# Bioinformatics Module Project 3

Bioinformatics - Module Project 3

Introduction

The purpose of this project is to help you gain familiarity with aspects of sequence homology, including DNA and protein alignments, the significance of using the appropriate scoring matrices and the using the BLAST search tool.[1]

Presented below are a sequence of exploratory steps you should undertake. Each of these steps is accompanied by a question. This is an individual project. Each of you will submit and be graded on the answer you provide for the question. Some of the questions are marked as General Questions. These are unrelated to the specific steps of the exercise and require independent research on your part.

Assignment

1. Basics: Download the myoglbin protein sequences from the pig, chicken and snake. Since these are full protein sequences, we will use the global sequence alignment method (the Needleman-Wunch). The matlab function to perform this alignment is nwalign. Here is an example of the usage of this function, sequence seq1 and seq2 are being aligned using PAM250 scoring matrix. The function returns the score and the alignment.

[score, align] = nwalign(seq1, seq2, ’scoringmatrix’, @pam250)

Perform the global alignments using PAM-10 and PAM-250 and complete similarity matrix shown in Fig. 1. Note that the similarly matrix is symmetric – so only upper half need be computed.

Complete the following matrix:

PAM - 10                                                                   PAM - 250

Pig        Chicken      Snake                                          Pig        Chicken      Snake

 Pig Chicken Snake

Pig

Chicken Snake

• Is a snake more like a chicken or more like a pig?(c) Is a chicken more like a pig or more like a snake?
• Are the results consistent across the PAM-10 and PAM-250 matrices?
• Why are the results with PAM-10 higher than PAM-250?

2. The H and N Proteins:Next, we will look at the efficacy of flu vaccines. Influenza, commonly known as the flu, is caused by a virus that attacks the upper respiratory tract (i.e., the nose, the throat and the lungs). Cold and dry weather allows the virus to survive longer outside the body than in warm weather.

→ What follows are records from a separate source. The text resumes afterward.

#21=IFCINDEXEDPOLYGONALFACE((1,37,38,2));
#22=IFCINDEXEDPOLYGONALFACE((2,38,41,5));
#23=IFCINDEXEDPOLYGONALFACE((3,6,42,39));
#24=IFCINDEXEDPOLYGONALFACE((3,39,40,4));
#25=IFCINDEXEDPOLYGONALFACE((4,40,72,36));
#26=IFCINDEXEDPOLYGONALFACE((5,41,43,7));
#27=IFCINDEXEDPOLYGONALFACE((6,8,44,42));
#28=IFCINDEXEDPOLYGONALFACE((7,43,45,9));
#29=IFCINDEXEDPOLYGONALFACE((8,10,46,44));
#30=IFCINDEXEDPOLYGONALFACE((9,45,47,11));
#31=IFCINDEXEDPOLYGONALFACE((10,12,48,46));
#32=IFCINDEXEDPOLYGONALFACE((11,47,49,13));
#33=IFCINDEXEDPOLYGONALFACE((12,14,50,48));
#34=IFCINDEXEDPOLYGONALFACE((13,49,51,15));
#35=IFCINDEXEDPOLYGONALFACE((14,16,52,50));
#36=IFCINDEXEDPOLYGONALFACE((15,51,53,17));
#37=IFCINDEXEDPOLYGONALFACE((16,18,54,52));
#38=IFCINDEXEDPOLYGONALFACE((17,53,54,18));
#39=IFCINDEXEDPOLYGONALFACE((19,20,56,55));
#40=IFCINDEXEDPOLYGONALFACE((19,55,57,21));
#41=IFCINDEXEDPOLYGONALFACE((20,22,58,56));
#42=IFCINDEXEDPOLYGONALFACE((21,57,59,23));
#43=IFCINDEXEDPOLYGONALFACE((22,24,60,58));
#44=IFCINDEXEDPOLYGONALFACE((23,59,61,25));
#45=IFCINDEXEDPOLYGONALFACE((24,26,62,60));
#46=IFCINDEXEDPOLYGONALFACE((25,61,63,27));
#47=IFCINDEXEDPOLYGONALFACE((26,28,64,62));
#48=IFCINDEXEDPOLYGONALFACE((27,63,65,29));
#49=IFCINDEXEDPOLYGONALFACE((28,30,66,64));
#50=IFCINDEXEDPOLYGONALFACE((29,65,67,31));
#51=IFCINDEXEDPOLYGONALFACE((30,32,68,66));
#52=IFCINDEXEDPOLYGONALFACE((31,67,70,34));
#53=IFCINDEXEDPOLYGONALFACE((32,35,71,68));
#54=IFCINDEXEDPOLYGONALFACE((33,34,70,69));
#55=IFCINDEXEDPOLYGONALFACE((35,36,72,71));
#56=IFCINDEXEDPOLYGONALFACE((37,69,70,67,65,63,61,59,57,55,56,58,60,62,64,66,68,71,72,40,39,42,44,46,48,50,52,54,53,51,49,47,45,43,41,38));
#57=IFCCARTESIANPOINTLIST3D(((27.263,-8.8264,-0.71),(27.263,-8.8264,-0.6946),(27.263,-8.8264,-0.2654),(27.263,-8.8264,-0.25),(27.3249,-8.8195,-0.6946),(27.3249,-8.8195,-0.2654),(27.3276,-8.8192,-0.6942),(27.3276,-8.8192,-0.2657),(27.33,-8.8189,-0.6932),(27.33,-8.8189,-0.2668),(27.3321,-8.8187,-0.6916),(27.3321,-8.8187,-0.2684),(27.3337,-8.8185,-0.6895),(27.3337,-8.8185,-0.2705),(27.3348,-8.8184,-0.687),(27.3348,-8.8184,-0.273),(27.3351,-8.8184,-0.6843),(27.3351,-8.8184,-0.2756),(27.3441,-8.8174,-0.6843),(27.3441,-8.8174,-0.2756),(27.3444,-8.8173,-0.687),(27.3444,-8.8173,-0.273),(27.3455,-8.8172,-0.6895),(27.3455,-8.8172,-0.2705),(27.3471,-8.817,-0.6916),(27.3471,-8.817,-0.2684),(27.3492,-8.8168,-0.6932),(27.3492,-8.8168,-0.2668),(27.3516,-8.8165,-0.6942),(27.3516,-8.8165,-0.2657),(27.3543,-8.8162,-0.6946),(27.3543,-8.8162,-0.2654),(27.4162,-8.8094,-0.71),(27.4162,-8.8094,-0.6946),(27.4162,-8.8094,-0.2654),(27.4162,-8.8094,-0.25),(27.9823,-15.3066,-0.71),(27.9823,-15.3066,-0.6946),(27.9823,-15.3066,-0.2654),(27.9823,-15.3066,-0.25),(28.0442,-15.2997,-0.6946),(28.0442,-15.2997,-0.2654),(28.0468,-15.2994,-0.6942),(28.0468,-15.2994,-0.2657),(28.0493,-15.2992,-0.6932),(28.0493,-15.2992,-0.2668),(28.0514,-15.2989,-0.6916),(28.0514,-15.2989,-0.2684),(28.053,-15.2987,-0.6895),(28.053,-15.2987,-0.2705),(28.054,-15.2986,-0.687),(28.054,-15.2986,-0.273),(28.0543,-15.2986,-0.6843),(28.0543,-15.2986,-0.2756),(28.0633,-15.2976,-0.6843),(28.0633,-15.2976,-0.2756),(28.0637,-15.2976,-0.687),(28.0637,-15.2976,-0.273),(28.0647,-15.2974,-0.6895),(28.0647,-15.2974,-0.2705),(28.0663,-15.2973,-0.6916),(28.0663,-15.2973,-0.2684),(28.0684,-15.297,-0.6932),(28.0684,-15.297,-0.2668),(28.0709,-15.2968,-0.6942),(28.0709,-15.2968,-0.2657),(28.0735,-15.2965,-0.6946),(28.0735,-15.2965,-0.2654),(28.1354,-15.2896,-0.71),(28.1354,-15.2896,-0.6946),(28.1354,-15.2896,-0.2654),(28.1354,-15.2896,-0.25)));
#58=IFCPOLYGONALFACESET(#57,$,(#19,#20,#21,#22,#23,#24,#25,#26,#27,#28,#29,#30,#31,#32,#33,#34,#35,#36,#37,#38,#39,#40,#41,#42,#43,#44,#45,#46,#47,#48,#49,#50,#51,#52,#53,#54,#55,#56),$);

There are three types of influenza virus: A, B and C. Type A can infect humans, other mammals and birds and can spread fast. Types B and C affect only humans; and type C causes only a mild infection. Type A viruses are sub-typed based on proteins on the surface of the virus – specifically proteins hemagglutinin (abbreviated as H or HA) and neuraminidase (abbreviated as N or NA). Types A and B viruses continually evolve genetically with changes being made to the amino acid sequence of the H and N proteins and thus keep eluding the host’s immune system.

Each year, the influenza vaccine uses the prevalent strains from the previous years to design the vaccines. Generally, the vaccine contains three virus strains, two type A strains and one type B strain. Type C strain is not used since it only causes a mild infection. Each year in February, the World Health Organization (WHO) picks the three influenza virus strains to be included in the vaccine for that year. .

To find information on the strains in that season’s influenza vaccine, you will need to visit the Center for Disease Control http://www.cdc.gov/flu/weekly/fluactivitysurv.htm and look at ”Past Weekly Surveillance Reports” to select the previous influenza season. We will be investigating the 2009-10 influenza season. So, you will need to look at the 2008-09 influenza season summary and read the section titled “Composition of the 2009-2010 Influenza Vaccine.”

YOu will find that WHO recommended that the 2009–10 Northern Hemisphere influenza vaccine contain (1) A/Brisbane/59/2007-like (H1N1), (2) A/Brisbane/10/2007like (H3N2), and (3) B/Brisbane/60/2008-like (B/Victoria lineage) viruses.

Antigenic Characterization for 2009 - 2010: CDC antigenically characterized 2 seasonal influenza A (H1N1), 14 influenza A (H3N2), 43 influenza B, and 1,904 pandemic H1N1 viruses with 99.5% of pandemic H1N1 viruses being related to the A/California/07/2009 (H1N1) reference virus.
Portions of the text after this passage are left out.